The best measure is the consumer-price index for prescription drugs, or CPI-Rx, which measures price changes in a large basket of drugs over time, accounting for discounts and most rebates. Another strength of the CPI-Rx is that it accounts for price declines that occur when consumers substitute cheaper generic versions for brand-name drugs. Too often, Mr. Biden and others focus on a few high-priced drugs and fail to consider the entire market.

Prices for brand-name prescription drugs are higher in the U.S. than in other countries.

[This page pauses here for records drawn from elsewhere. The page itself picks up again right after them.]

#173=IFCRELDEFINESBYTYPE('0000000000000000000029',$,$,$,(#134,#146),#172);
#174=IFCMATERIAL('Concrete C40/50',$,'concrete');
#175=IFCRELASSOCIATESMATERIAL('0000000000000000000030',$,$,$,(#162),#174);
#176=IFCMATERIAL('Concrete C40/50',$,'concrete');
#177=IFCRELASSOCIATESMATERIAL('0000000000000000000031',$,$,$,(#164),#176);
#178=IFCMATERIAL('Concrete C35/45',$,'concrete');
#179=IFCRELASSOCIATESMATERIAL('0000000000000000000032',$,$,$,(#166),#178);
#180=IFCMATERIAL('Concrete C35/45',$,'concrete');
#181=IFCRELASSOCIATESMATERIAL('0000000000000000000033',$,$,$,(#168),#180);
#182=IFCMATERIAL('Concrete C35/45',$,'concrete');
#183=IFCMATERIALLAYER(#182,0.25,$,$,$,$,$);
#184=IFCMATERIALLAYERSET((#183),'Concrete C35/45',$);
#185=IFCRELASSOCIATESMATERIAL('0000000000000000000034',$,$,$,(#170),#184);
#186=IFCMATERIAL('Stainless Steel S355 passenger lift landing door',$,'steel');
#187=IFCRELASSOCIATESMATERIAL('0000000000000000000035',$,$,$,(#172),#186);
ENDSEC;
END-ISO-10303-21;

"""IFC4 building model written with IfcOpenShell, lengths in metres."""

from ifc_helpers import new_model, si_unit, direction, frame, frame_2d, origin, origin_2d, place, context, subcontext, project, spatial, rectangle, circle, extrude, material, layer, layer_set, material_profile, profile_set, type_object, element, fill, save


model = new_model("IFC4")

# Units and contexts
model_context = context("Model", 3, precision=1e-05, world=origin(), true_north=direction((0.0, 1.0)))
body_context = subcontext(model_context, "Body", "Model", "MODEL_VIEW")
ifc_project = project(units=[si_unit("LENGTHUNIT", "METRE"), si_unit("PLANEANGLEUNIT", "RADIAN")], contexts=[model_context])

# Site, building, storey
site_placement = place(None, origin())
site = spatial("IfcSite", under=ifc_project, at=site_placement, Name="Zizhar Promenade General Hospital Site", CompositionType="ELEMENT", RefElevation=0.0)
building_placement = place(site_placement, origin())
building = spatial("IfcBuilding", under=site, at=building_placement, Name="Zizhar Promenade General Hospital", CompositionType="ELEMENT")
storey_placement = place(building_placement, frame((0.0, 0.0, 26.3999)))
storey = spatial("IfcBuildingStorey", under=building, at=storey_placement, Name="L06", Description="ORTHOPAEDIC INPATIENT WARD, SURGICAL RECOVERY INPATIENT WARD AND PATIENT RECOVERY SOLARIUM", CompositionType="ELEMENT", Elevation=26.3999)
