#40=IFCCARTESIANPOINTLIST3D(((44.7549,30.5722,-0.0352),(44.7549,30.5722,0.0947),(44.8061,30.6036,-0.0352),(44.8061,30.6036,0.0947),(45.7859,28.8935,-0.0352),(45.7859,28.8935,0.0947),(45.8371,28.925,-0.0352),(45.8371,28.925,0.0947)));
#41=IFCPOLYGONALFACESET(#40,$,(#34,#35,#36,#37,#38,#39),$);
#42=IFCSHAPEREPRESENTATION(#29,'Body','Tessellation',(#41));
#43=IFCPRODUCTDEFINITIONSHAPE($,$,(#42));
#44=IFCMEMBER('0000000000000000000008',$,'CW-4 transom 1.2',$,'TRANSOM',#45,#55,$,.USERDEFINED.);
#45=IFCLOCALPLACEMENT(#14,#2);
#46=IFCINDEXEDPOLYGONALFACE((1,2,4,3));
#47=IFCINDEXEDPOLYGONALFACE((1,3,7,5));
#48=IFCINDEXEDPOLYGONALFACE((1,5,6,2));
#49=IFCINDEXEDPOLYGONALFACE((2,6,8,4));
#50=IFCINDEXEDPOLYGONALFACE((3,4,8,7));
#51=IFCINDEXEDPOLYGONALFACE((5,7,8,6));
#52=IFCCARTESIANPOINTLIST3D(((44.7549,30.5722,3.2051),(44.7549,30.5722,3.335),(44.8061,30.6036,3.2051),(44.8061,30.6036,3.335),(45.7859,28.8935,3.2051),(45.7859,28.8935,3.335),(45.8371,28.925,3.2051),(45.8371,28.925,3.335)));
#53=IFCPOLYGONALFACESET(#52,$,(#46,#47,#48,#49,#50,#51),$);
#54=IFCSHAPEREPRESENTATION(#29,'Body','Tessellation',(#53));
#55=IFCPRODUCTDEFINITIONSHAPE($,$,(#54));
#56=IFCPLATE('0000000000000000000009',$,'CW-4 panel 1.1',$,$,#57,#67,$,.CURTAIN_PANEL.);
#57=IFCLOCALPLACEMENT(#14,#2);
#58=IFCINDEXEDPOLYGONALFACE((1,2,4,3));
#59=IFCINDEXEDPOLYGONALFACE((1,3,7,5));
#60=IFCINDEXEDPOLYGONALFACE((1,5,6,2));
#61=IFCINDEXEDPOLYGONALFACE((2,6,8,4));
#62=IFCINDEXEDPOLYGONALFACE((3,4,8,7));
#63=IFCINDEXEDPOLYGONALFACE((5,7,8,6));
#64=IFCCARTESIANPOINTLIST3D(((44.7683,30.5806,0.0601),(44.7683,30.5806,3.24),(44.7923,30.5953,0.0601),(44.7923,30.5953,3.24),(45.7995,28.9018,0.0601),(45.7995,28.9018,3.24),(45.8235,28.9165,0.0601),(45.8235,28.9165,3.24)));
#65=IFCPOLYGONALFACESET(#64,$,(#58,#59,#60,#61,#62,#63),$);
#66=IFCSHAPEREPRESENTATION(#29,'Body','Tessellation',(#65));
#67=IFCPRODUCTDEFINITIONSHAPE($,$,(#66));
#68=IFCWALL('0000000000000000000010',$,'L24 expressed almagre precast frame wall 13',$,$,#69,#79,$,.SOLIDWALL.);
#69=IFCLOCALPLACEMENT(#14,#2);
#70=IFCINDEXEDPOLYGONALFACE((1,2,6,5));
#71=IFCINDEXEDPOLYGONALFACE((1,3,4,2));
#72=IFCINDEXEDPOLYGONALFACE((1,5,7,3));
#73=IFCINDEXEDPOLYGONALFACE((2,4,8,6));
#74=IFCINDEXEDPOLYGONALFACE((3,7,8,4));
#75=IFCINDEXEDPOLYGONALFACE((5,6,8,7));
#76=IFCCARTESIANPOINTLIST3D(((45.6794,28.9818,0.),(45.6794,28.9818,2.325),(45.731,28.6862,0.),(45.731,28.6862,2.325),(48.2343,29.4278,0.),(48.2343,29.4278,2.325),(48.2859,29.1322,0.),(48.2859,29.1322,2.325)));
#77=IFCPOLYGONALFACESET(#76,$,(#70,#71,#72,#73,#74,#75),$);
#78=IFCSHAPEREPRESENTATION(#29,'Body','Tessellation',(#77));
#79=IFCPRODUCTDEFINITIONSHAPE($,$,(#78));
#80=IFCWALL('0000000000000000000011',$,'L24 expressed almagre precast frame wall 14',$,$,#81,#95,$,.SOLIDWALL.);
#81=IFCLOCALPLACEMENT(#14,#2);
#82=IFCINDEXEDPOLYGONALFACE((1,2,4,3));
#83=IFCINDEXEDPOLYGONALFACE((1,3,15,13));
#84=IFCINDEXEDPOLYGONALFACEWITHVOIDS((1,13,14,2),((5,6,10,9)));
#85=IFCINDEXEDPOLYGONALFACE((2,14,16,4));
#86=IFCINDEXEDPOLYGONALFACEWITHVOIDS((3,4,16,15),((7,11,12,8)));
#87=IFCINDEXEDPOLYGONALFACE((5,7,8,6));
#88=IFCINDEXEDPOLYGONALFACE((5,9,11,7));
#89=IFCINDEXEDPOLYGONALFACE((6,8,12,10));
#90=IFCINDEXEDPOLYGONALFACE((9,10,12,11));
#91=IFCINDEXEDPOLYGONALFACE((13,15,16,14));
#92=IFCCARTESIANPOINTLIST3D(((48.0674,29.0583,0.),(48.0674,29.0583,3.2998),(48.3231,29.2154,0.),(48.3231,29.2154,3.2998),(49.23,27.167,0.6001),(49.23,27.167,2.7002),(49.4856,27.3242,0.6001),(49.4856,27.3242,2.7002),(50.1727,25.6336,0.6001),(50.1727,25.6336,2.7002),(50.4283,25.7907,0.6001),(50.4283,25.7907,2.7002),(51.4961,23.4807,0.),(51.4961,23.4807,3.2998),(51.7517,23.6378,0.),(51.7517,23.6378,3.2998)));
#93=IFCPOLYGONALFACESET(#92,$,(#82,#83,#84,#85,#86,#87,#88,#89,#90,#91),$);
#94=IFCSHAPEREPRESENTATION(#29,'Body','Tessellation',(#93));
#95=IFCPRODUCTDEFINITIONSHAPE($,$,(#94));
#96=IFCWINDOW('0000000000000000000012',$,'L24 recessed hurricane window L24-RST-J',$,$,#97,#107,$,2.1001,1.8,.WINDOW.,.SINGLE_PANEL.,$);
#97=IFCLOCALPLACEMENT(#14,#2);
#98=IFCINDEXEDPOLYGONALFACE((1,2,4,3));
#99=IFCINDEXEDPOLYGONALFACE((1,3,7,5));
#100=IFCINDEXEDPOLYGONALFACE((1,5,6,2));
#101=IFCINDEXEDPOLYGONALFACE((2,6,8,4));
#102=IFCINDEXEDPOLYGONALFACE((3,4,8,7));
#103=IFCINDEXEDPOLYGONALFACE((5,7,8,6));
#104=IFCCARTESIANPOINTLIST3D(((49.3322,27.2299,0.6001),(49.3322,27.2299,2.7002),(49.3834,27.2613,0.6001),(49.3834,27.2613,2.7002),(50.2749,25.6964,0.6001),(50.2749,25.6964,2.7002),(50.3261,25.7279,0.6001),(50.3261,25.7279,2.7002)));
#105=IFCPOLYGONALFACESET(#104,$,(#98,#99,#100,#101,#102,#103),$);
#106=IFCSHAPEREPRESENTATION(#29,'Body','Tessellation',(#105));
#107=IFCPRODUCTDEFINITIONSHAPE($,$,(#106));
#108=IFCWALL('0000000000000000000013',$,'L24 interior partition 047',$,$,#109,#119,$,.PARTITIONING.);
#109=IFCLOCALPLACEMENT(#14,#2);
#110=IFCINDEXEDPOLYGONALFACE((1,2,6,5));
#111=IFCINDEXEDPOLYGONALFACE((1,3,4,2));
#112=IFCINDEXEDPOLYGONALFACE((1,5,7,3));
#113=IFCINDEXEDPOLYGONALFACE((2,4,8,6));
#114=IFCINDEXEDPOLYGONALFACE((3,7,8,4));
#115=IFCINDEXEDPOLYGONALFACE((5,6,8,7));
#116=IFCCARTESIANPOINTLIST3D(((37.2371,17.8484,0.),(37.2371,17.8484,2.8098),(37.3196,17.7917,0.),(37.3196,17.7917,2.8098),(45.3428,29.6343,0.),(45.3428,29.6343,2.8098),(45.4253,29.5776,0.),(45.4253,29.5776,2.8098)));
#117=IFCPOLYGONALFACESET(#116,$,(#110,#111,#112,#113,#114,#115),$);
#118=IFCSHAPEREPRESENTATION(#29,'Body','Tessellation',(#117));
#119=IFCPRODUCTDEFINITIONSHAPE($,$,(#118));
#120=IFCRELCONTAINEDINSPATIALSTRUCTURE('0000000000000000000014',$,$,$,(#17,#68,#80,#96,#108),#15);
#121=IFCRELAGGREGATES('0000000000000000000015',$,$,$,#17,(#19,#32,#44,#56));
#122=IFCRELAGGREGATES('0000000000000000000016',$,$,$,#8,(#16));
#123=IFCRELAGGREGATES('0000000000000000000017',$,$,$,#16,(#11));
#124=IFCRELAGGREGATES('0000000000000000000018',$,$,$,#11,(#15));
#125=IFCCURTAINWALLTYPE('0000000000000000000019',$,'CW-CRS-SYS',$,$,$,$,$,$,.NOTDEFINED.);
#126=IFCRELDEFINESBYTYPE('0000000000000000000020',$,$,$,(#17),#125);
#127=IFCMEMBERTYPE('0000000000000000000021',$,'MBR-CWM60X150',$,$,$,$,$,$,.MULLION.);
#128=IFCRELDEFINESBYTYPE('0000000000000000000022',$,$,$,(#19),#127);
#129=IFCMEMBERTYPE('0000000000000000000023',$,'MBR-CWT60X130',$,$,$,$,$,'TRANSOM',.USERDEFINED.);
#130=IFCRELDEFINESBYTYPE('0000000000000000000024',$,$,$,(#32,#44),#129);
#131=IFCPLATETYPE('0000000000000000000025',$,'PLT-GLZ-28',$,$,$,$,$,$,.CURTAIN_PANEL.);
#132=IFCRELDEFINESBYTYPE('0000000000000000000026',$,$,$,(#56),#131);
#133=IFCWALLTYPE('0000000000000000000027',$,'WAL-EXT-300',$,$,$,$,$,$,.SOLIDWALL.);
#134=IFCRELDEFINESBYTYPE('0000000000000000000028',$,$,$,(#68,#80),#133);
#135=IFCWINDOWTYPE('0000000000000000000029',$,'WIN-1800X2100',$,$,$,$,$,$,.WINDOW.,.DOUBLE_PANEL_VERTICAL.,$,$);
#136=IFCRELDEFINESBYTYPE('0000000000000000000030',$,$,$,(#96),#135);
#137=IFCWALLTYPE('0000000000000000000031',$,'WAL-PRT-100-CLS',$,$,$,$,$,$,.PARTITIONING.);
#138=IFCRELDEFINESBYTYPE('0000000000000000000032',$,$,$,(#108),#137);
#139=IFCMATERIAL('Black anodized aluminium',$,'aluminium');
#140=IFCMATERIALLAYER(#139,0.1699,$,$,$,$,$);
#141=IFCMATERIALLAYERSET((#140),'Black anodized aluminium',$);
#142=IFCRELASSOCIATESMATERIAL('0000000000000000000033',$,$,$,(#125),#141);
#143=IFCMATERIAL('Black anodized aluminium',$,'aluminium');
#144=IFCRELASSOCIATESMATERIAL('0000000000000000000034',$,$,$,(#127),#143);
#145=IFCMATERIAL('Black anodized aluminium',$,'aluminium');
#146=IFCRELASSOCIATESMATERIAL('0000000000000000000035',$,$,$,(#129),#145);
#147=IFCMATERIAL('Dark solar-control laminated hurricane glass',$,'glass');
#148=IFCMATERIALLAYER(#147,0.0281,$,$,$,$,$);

But U.S. regulatory, legal and incentive structures encourage aggressive price competition and switching from branded drugs to generics. As a result, Americans use more generics (accounting for 9 out of 10 prescriptions) and pay less for them (16% lower on average) than in other developed countries. Nearly all European countries impose price controls on generics, which results in delayed market entry and availability, less competition and higher prices.

CPI-Rx has been negative for much of the past three years. The decline stems largely from increased drug approvals by the Food and Drug Administration since 2017. When new brand-name drugs enter the market, they compete with other drugs that treat the same condition. When generic versions are approved, prices fall rapidly as patients switch, especially as multiple generic versions enter the market.